Такими вот стараниями Герка содержал свое большеротое семейство. Да еще задумал строиться. Домину завернул просторную, пятистенную. Выписал лесу, вывез его, стал рубить первые венцы. Только медленно шло дело у него. То в одном, то в другом конце поднимались, сверкая свежеструганым тесом, новые крыши — оживала деревня. А в поскотине, насквозь просматриваемой с нашего крыльца, одиноко темнели под дождями несколько срубленных рядов. И лишь верхние, более свежие, бревна говорили о том, что не совсем брошен сруб, наращивается понемногу. Участок, на котором Герка ставил избу, когда-то был обжитой. Сейчас от прежней усадьбы, от городьбы не осталось ни одной пряслины, ни одного кола, На месте оплывших, густо заросших мелкотравьем гряд вольготно разгулялся огородный хрен, выбросив кверху пучки глянцевитых листьев. И почему-то обидно и даже больно было оттого, что не скоро еще здесь фиолетово зацветет картошка, выбросит свои стрелки лук, станут наливаться тугие вилки капусты.

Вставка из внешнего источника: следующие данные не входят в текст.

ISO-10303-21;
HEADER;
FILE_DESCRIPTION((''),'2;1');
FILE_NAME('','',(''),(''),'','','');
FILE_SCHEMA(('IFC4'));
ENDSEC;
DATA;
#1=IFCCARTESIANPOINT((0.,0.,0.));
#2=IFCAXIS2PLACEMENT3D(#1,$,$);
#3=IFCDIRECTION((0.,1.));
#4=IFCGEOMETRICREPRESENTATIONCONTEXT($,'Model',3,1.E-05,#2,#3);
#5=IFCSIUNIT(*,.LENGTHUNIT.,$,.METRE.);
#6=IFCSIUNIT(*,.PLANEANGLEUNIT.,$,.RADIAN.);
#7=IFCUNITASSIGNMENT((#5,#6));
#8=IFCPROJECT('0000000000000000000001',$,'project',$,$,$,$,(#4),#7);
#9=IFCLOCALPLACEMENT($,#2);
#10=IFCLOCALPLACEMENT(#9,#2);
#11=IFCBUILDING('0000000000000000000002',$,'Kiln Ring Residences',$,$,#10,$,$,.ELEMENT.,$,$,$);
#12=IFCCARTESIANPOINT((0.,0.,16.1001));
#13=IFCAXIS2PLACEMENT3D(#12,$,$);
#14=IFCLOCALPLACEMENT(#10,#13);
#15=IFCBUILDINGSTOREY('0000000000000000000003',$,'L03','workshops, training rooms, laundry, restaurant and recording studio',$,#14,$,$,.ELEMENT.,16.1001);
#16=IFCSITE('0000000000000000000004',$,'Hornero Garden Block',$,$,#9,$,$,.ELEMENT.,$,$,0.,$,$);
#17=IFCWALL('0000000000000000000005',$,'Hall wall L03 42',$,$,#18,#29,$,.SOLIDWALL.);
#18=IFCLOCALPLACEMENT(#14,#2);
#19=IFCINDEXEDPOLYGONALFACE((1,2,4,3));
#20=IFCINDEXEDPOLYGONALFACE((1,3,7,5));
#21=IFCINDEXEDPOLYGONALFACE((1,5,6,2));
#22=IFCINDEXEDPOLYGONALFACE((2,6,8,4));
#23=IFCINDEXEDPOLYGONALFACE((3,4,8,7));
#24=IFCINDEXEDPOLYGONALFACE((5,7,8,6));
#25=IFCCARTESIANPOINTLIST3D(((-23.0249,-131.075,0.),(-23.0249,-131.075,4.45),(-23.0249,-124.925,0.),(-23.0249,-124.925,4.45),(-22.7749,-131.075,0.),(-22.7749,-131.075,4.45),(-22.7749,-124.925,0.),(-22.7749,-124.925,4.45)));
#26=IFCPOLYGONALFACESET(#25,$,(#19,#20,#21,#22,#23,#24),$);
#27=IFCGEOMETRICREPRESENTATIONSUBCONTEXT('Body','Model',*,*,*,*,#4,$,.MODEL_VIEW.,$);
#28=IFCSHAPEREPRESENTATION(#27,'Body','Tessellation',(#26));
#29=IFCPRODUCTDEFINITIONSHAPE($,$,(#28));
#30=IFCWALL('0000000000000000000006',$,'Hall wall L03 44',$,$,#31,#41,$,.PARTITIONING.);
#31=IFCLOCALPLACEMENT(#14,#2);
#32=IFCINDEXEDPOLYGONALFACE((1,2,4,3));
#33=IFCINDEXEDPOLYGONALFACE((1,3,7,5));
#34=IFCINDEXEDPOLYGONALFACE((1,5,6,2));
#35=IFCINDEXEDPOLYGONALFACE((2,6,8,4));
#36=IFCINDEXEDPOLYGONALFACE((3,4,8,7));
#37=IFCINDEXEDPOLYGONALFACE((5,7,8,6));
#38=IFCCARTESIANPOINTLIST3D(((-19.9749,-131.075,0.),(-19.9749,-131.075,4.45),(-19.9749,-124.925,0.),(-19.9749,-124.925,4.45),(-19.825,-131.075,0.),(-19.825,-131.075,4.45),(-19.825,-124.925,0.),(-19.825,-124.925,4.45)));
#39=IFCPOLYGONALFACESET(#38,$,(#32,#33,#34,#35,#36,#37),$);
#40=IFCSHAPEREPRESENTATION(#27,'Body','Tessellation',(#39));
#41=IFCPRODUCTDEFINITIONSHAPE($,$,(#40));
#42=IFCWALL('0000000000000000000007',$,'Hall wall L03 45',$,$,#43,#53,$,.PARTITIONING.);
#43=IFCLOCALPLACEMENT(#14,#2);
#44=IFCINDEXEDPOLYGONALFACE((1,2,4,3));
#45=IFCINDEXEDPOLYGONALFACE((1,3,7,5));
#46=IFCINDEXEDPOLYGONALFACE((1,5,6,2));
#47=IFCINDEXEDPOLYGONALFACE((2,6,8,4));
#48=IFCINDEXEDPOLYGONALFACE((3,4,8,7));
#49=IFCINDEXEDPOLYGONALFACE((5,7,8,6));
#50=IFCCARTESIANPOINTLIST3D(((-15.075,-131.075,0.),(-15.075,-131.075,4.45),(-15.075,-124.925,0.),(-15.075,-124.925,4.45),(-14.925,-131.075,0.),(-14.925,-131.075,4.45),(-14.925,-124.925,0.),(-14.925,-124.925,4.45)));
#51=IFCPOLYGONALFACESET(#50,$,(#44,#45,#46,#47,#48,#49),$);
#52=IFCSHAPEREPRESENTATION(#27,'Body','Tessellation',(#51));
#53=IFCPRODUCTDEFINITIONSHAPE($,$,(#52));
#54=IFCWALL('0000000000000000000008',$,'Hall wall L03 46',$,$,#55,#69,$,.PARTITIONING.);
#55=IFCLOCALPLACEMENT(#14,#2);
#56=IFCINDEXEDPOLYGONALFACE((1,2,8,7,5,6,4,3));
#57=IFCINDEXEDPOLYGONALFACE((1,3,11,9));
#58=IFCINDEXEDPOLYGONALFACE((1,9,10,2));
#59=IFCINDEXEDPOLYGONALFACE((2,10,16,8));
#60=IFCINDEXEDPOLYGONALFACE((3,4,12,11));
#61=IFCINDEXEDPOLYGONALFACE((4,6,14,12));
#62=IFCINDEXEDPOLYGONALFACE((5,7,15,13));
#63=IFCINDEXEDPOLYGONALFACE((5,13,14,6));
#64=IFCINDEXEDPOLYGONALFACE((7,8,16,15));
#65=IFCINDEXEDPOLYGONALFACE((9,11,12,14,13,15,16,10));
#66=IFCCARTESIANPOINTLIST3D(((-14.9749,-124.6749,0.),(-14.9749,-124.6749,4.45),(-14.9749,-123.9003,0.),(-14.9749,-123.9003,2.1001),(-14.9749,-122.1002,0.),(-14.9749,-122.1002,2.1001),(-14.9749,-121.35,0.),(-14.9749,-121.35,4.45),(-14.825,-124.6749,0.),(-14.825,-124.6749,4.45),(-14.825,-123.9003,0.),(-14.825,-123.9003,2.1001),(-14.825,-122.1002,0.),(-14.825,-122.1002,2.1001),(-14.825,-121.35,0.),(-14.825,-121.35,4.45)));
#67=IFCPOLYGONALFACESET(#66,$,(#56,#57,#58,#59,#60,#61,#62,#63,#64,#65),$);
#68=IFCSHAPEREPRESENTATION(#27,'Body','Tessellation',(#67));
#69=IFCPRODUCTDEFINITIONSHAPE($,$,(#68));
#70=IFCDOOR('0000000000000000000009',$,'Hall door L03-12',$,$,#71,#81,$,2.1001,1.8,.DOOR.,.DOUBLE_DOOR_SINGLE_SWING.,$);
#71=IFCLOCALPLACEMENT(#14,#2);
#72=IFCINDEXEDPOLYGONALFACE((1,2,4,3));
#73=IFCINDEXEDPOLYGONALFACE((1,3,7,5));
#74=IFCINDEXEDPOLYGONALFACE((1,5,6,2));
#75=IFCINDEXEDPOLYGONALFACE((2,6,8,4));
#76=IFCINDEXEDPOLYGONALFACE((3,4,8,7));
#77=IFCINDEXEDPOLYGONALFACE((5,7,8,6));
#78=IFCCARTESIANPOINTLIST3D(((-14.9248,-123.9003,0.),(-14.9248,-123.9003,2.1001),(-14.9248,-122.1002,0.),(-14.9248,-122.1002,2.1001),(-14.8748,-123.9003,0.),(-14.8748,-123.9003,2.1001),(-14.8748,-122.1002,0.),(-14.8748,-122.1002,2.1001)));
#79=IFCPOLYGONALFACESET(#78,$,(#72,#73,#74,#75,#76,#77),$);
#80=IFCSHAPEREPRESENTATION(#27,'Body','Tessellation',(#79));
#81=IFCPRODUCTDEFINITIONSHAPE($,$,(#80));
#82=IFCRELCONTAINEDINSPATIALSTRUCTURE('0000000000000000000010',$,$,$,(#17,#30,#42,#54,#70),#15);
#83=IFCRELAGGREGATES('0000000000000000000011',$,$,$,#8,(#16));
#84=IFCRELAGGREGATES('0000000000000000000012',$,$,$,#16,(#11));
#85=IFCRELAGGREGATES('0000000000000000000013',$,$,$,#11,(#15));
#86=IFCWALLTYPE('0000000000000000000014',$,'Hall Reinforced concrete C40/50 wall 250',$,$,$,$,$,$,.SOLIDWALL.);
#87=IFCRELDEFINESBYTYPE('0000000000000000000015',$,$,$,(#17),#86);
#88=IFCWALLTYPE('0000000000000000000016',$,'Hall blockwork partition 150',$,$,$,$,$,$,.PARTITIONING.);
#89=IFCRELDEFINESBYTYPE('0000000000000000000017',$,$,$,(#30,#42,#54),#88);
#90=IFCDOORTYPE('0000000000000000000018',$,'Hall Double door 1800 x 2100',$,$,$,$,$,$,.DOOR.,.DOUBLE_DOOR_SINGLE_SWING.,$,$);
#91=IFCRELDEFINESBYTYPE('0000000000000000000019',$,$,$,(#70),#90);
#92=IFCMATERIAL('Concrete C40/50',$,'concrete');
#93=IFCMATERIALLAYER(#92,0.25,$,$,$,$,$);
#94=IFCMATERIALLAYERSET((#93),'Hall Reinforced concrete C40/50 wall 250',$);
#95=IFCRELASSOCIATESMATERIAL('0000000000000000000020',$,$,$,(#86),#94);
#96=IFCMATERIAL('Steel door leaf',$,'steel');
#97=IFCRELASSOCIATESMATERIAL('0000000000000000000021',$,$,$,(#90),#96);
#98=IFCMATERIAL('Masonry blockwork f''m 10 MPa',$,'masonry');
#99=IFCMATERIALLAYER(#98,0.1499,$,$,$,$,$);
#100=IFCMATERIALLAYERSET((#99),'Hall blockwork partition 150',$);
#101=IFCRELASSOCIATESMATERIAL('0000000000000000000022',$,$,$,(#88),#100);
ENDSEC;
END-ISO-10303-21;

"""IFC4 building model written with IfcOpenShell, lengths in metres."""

from ifc_helpers import new_model, si_unit, direction, frame, frame_2d, origin, place, context, subcontext, project, spatial, rectangle, extrude, material, layer, layer_set, type_object, element, fill, save


model = new_model("IFC4")

# Units and contexts
model_context = context("Model", 3, precision=1e-05, world=origin(), true_north=direction((0.0, 1.0)))
body_context = subcontext(model_context, "Body", "Model", "MODEL_VIEW")
ifc_project = project(units=[si_unit("LENGTHUNIT", "METRE"), si_unit("PLANEANGLEUNIT", "RADIAN")], contexts=[model_context])

# Site, building, storey
site_placement = place(None, origin())
site = spatial("IfcSite", under=ifc_project, at=site_placement, Name="Hornero Garden Block", CompositionType="ELEMENT", RefElevation=0.0)
building_placement = place(site_placement, origin())
building = spatial("IfcBuilding", under=site, at=building_placement, Name="Kiln Ring Residences", CompositionType="ELEMENT")
storey_placement = place(building_placement, frame((0.0, 0.0, 16.1001)))
storey = spatial("IfcBuildingStorey", under=building, at=storey_placement, Name="L03", Description="workshops, training rooms, laundry, restaurant and recording studio", CompositionType="ELEMENT", Elevation=16.1001)

# Shared definitions
ifc_material_1 = material(Name="Concrete C40/50", Category="concrete")
ifc_layer_1 = layer(ifc_material_1, 0.25)
ifc_layer_set_1 = layer_set([ifc_layer_1], Name="Hall Reinforced concrete C40/50 wall 250")
wall_type_1 = type_object("IfcWallType", Name="Hall Reinforced concrete C40/50 wall 250", PredefinedType="SOLIDWALL", material=ifc_layer_set_1)
ifc_material_2 = material(Name="Steel door leaf", Category="steel")
door_type_1 = type_object("IfcDoorType", Name="Hall Double door 1800 x 2100", OperationType="DOUBLE_DOOR_SINGLE_SWING", PredefinedType="DOOR", material=ifc_material_2)

# Walls
wall_1_placement = place(storey_placement, frame((-22.8999, -131.075, 0.0), z_axis=(0.0, 0.0, 1.0), x_axis=(0.0, 1.0, 0.0)))
element("IfcWall", 1, at=wall_1_placement, inside=storey, type_object=wall_type_1, Name="Hall wall L03 42", PredefinedType="SOLIDWALL", context=body_context, shape_type="SweptSolid", body=[
    extrude(rectangle(XDim=6.1499, YDim=0.25, at=frame_2d((3.075, 0.0))), origin(), (0.0, 0.0, 1.0), 4.45),
])
ifc_material_3 = material(Name="Masonry blockwork f'm 10 MPa", Category="masonry")
ifc_layer_2 = layer(ifc_material_3, 0.1499)
ifc_layer_set_2 = layer_set([ifc_layer_2], Name="Hall blockwork partition 150")
wall_type_2 = type_object("IfcWallType", Name="Hall blockwork partition 150", PredefinedType="PARTITIONING", material=ifc_layer_set_2)
for number, where, z_axis, x_axis, name in (
    (2, (-19.8999, -131.075, 0.0), (0.0, 0.0, 1.0), (0.0, 1.0, 0.0), "Hall wall L03 44"),
    (3, (-15.0, -131.075, 0.0), (0.0, 0.0, 1.0), (0.0, 1.0, 0.0), "Hall wall L03 45"),
):
    element("IfcWall", number, at=place(storey_placement, frame(where, z_axis=z_axis, x_axis=x_axis)), inside=storey, type_object=wall_type_2, Name=name, PredefinedType="PARTITIONING", context=body_context, shape_type="SweptSolid", body=[
        extrude(rectangle(XDim=6.1499, YDim=0.1499, at=frame_2d((3.075, 0.0))), origin(), (0.0, 0.0, 1.0), 4.45),
    ])

# Wall, opening, door
wall_2_placement = place(storey_placement, frame((-14.8999, -124.675, 0.0), z_axis=(0.0, 0.0, 1.0), x_axis=(0.0, 1.0, 0.0)))
wall_2 = element("IfcWall", 4, at=wall_2_placement, inside=storey, type_object=wall_type_2, Name="Hall wall L03 46", PredefinedType="PARTITIONING", context=body_context, shape_type="SweptSolid", body=[
    extrude(rectangle(XDim=3.325, YDim=0.1499, at=frame_2d((1.6626, 0.0))), origin(), (0.0, 0.0, 1.0), 4.45),
])
opening_1_placement = place(wall_2_placement, frame((0.7749, 0.0, 0.0)))
opening_1 = element("IfcOpeningElement", 5, at=opening_1_placement, cuts=wall_2, PredefinedType="OPENING", context=body_context, shape_type="SweptSolid", body=[
    extrude(rectangle(XDim=1.8, YDim=2.1001, at=frame_2d((0.8999, 1.05))), frame((0.0, 0.085, 0.0), z_axis=(0.0, -1.0, 0.0), x_axis=(1.0, 0.0, 0.0)), (0.0, 0.0, 1.0), 0.1699),
])
door_1_placement = place(opening_1_placement, origin())
door_1 = element("IfcDoor", 6, at=door_1_placement, inside=storey, type_object=door_type_1, Name="Hall door L03-12", OperationType="DOUBLE_DOOR_SINGLE_SWING", OverallHeight=2.1001, OverallWidth=1.8, PredefinedType="DOOR", context=body_context, shape_type="SweptSolid", body=[
    extrude(rectangle(XDim=1.8, YDim=2.1001, at=frame_2d((0.8999, 1.05))), frame((0.0, 0.0249, 0.0), z_axis=(0.0, -1.0, 0.0), x_axis=(1.0, 0.0, 0.0)), (0.0, 0.0, 1.0), 0.05),
])
fill(opening_1, door_1)

save(model, "model.ifc")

Редко я видел Герку праздным, тем более под хмельком. А тут — невероятный случай! — зашел он к нам во двор веселенький, непривычный — в ботинках, хлопчатобумажных штанах и простеньком пиджачке. Стукнул в окно, вызывая мать на крыльцо.

— Антоновна, дай пятерку. Получка будет — отдавать буду.

— Ну, еще один гулеван в деревне, — засмеялась мать. — С чего это ты, Гера, веселишься?

— Колхоз иду — большая радость, Антоновна.

— В колхоз?! — удивленно всплеснула руками мать.

Было чему удивляться. Наша деревня среди других — наособицу: завод рядом. В большинстве семей хоть один человек, да работает на производстве. Как колхозники они имеют приусадебный участок и все остальные льготы сполна. И в то же время — пусть одну, но всегда постоянную, ни от чего не зависящую зарплату.

— Да-да, колхоз иду, — сиял Герка белыми зубами. — Председатель сказал: дом строить будут.

После я слыхал, что не все гладко было на правлении, когда председатель поставил вопрос о ссуде для Герки, о безвозвратном пособии, о помощи техникой и людьми в строительстве дома. Говорят, он откровенно радовался, доказывая правленцам свою «линию»: «Да это ж работник какой! Не говорю, что механизатор, — за троих ломит. И растет у него целая бригада. Это же клад для нас!»

Услыхал я об этом позднее. А вот Геркину радость видел сам. Он уж вышел от нас, а за воротами опять объяснял кому-то:

— Колхоз иду! Скоро свой большой дом будет…

И пошел по улице в сторону сельской лавки в сопровождении нескольких своих ребятишек. Нет, не зря он попросил ни меньше, ни больше — именно пятерку. Чтоб в этот светлый день кое-что досталось и детишкам на молочишко, то бишь на сладости.